Rechtspraak
Gerechtshof Den Haag, 29 november 2011
ECLI:NL:GHSGR:2011:BU7157
werknemer/Stichting Geestelijke Gezondheidszorg Delfland
Werknemer is op 27 april 2011 op staande voet ontslagen, onder meer wegens het plegen van fraude. Werknemer stelt zich onder meer op het standpunt dat niet is voldaan aan de vereiste onverwijldheid, daar reeds op 15 april 2011 een vermoeden van de dringende reden bij GGZ aanwezig moet zijn geweest in verband met een toen gelegd beslag op zaken van de werknemer. Voorts zou werknemer niet zijn gehoord, hetgeen op grond van artikel 7:611 BW wel had moeten plaatsvinden. De voorzieningenrechter heeft deze formele verweren verworpen. Naar het oordeel van de voorzieningenrechter heeft de GGZ voldoende voortvarend gehandeld en is werknemer in de gelegenheid gesteld 'zijn kant' van het verhaal te vertellen, doch heeft werknemer hiervan geen gebruik gemaakt.
Het hof oordeelt als volgt. Werknemer heeft in eerste aanleg en in hoger beroep onder verwijzing naar een arrest van het Gerechtshof Den Haag van 31 juli 2008, LJN BF2248, JAR 2008/241, tot uitgangspunt genomen dat zonder het toepassen van wederhoor geen ontslag op staande voet kan plaatsvinden. Dit uitgangspunt vindt evenwel geen steun in het recht, met name niet in de artikelen 7:677 en 7:678 BW. Ook goed werkgeverschap, artikel 7:611 BW, brengt niet in alle gevallen op straffe van nietigheid een zodanige hoorplicht mee.
Aan werknemer kan worden toegegeven dat 'fraude' geen delict(somschrijving) uit het Wetboek van Strafrecht is.
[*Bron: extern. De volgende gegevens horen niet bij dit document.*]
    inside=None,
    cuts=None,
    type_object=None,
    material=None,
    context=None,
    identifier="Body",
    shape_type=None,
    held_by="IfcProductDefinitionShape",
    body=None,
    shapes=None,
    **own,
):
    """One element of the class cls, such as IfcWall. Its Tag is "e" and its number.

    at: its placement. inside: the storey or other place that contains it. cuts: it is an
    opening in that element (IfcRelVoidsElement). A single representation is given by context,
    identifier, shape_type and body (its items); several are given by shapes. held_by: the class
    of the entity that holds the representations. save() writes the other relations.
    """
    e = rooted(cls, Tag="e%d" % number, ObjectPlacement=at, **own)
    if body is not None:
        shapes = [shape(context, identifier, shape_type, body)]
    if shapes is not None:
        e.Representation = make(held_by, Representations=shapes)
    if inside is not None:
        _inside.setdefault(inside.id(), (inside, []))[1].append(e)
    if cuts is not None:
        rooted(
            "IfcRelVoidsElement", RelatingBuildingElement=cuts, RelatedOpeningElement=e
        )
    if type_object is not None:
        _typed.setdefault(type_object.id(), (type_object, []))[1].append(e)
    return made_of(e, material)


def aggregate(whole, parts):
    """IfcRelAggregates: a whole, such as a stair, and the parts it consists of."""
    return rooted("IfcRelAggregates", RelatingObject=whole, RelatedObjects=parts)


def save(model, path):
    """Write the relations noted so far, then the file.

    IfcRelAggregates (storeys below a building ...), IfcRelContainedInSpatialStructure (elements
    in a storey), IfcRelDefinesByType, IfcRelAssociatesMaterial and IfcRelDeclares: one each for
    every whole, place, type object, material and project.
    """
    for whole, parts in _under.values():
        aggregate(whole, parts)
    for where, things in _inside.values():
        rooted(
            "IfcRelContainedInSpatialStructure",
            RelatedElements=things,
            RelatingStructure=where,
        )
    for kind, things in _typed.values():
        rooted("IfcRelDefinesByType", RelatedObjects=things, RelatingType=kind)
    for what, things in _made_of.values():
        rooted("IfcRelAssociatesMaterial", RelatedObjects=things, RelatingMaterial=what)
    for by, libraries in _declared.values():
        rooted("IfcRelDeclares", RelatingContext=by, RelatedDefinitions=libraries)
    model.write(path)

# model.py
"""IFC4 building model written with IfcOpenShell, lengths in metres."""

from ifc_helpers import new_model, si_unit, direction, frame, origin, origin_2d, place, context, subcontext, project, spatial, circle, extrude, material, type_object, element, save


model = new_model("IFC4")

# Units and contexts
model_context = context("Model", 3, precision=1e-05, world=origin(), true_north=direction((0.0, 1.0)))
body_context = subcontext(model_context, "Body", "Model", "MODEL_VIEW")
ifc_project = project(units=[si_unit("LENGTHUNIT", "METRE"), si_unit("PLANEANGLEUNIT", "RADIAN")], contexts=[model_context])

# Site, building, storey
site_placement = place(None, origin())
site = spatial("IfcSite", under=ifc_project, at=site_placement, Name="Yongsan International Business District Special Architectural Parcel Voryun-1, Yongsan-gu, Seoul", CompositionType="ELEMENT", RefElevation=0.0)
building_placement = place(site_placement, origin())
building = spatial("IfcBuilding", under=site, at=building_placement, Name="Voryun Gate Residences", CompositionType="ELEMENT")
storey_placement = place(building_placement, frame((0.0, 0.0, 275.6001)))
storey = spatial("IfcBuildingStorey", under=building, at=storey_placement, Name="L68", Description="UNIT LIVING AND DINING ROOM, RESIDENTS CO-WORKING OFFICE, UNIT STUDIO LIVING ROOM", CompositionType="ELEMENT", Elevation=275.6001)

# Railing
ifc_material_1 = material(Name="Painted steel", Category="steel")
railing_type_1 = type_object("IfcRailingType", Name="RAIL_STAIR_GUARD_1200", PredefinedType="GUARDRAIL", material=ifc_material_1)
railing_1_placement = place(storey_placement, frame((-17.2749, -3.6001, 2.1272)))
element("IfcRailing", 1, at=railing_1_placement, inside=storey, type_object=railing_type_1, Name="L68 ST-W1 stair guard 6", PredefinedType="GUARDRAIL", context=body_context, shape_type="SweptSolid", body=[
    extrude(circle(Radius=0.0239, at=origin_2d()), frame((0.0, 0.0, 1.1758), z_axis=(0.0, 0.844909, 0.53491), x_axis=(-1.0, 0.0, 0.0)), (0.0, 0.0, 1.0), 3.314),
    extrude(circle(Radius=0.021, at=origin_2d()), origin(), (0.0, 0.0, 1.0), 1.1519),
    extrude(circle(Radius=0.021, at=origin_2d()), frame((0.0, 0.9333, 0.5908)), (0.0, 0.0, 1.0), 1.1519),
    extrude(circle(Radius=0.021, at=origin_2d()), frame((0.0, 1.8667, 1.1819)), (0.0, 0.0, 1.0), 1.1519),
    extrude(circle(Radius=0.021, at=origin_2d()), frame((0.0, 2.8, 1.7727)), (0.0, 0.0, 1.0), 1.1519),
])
Maar zulks is gelet op artikel 7:678 lid 1 BW voor een ontslag op staande voet ook niet nodig. Immers, voor de werkgever worden als dringende redenen in de zin van lid 1 van artikel 7:677 beschouwd zodanige daden, eigenschappen of gedragingen van de werknemer, die ten gevolge hebben dat van de werkgever redelijkerwijze niet gevergd kan worden de arbeidsovereenkomst te laten voortduren en blijkens de in de aanhef van lid 2 van artikel 7:678 BW voorkomende woorden 'onder andere' zijn de onder a t/m l genoemde dringende redenen als voorbeelden aan te merken. Naar het voorlopig oordeel van het hof heeft GGZ Delfland in dit kort geding voldoende onderbouwd dat van (een) dringende reden(en) sprake is. Nu voldoende is komen vast te staan dat werknemer meermalen bepaalde spullen voor zichzelf op rekening van GGZ heeft doen bestellen, staat daarmee de gewraakte handeling vast.